Exhibit 10.1
Execution Version
AMENDMENT NO. 6, dated as of March 5, 2021 (this “Amendment”), to the Credit Agreement, dated as of October 17, 2016 (as amended, restated, modified or otherwise supplemented prior to the date hereof, the “Existing Credit Agreement”; the Existing Credit Agreement as amended by this Amendment, the “Credit Agreement”), by and among ENTERCOM MEDIA CORP. (formerly known as CBS RADIO INC.), a Delaware corporation (“Borrower”), each of the GUARANTORS party thereto, the LENDERS and L/C ISSUERS party thereto from time to time and JPMORGAN CHASE BANK, N.A., as administrative agent (the “Administrative Agent”) and as Collateral Agent (the “Collateral Agent”). Capitalized terms used but not defined herein shall have the meanings assigned to such terms in the Credit Agreement.

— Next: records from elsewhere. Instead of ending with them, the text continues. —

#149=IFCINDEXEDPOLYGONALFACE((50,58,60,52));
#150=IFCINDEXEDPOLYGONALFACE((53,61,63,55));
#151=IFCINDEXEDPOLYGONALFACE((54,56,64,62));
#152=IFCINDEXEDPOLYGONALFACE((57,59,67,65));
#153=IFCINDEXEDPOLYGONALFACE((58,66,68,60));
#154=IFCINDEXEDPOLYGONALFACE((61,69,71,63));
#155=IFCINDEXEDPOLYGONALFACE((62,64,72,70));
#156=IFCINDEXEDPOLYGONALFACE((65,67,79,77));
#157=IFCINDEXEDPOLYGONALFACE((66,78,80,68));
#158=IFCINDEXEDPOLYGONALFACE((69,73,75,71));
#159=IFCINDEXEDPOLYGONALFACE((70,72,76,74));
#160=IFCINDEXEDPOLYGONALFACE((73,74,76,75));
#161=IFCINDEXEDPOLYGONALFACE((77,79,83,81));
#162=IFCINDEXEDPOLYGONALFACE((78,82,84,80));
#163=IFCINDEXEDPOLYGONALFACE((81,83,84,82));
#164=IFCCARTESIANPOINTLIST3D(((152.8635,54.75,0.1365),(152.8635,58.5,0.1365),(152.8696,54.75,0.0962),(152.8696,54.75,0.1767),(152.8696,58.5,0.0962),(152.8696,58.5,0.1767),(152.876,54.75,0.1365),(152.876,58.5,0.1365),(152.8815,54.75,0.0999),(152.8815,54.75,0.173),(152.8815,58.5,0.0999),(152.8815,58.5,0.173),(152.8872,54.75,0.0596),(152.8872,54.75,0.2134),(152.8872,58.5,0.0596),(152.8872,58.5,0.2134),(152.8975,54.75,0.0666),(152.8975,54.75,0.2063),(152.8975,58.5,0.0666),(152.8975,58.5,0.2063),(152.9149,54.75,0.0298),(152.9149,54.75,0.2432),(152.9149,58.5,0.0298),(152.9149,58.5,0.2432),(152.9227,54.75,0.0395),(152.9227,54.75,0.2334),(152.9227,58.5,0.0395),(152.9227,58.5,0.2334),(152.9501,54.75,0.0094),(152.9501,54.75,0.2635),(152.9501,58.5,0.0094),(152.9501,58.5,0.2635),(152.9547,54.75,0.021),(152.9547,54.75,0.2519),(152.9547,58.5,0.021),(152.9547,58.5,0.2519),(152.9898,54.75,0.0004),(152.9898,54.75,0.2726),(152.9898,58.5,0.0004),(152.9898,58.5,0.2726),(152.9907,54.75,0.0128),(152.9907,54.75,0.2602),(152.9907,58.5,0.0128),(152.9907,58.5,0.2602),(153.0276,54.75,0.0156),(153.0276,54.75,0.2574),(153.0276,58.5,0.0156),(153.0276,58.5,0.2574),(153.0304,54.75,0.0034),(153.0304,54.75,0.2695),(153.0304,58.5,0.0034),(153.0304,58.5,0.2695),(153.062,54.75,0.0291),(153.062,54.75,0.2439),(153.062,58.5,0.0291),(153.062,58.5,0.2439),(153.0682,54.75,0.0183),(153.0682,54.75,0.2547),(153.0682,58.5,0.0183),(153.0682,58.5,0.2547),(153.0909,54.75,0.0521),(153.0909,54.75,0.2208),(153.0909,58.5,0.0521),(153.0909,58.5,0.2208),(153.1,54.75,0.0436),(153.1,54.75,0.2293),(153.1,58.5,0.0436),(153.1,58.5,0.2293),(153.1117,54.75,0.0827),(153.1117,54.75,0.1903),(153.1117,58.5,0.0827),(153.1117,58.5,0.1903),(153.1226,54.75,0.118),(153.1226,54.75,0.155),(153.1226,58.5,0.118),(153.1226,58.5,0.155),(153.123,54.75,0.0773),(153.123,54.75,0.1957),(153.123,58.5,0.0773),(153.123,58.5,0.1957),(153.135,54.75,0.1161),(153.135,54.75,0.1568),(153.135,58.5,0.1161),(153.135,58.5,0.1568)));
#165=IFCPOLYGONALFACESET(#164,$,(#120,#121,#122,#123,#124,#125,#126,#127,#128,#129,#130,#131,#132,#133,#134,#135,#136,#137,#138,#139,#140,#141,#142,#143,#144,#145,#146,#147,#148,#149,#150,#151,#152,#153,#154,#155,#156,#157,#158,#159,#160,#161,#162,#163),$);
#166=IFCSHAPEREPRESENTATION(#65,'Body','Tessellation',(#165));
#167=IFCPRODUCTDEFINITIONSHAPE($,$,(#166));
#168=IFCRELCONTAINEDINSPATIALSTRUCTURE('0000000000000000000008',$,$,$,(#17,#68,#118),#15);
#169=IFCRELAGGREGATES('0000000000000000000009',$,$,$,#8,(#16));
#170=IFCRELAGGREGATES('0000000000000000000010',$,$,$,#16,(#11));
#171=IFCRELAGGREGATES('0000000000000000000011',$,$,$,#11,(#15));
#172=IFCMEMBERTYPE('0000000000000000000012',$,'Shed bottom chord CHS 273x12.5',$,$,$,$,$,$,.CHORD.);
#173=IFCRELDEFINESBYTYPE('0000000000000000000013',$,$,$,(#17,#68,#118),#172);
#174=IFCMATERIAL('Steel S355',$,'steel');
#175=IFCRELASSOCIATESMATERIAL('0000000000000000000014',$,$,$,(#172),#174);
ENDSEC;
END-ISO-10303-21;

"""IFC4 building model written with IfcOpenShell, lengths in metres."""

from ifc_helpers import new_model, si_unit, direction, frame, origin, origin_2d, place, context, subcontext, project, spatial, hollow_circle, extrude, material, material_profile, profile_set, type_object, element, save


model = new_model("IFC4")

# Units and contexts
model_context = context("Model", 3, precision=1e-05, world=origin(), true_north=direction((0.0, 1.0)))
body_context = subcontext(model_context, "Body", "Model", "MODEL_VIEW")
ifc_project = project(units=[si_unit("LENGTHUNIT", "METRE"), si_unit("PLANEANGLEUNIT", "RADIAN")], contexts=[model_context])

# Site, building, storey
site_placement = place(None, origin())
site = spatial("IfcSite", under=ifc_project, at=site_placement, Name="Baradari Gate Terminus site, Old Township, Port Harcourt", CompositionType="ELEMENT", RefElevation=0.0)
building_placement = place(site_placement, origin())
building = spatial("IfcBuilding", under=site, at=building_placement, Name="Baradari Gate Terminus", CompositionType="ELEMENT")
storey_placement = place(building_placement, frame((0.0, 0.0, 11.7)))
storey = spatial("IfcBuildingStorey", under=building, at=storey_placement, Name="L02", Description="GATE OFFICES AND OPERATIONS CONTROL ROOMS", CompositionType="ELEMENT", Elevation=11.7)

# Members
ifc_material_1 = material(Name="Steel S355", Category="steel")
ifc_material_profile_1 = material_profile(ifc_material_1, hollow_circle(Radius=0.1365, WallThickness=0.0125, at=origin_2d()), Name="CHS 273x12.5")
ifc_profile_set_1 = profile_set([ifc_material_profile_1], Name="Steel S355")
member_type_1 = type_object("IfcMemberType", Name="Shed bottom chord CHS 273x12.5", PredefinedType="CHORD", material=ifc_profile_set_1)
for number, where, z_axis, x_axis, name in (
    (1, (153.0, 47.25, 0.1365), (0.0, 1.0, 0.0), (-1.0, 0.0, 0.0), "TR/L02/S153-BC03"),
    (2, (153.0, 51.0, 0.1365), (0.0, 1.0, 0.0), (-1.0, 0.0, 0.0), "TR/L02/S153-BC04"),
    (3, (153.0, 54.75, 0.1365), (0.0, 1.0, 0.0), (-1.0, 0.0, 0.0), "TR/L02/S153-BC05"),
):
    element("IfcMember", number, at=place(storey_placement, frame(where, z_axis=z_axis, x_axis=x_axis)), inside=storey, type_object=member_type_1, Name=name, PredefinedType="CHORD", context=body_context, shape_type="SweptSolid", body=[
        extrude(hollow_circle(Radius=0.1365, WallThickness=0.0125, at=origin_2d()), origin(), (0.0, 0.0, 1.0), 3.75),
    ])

WHEREAS, the Borrower wishes to amend the financial covenant set forth in Section 7.09 of the Credit Agreement in accordance with Section 10.01 of the Credit Agreement;
WHEREAS, the Required Class Lenders for the Revolving Credit Facility have agreed to amend Section 7.09 of the Credit Agreement as contemplated above on the terms and subject to the conditions set forth herein;
WHEREAS, Section 10.01 of the Credit Agreement permits amendments with the consent of the Borrower and the Administrative Agent to correct any ambiguity, omission, defect, mistake or inconsistency in any Loan Document;
WHEREAS, the Administrative Agent and the Borrower have mutually identified an obvious defect in the definition of “Permitted Investments” and have agreed to correct it as set forth below;
NOW, THEREFORE, in consideration of the premises contained herein and for other good and valuable consideration, the receipt and sufficiency of which are hereby acknowledged, the parties hereto, intending to be legally bound hereby, agree as follows:
SECTION 1. Amendment of the Credit Agreement. The Credit Agreement is, effective as of the Amendment No. 6 Effective Date (as defined below), hereby amended as follows:
(a) The following new definitions are hereby added to Section 1.01 of the Credit Agreement in the appropriate alphabetical order:
“Amendment No. 6” shall mean Amendment No. 6 to this Agreement, dated as of March 5, 2021, by and among the Borrower, the Guarantors, the Administrative Agent and the Lenders party thereto.
“Amendment No. 6 Effective Date” has the meaning set forth in Amendment No. 6.
(b) Section 1.01 of the Credit Agreement is hereby amended by replacing the cross-reference to Section 7.01(b)(19) in clause (m) of the definition of “Permitted Investments” with a cross-reference to Section 7.02(b)(19).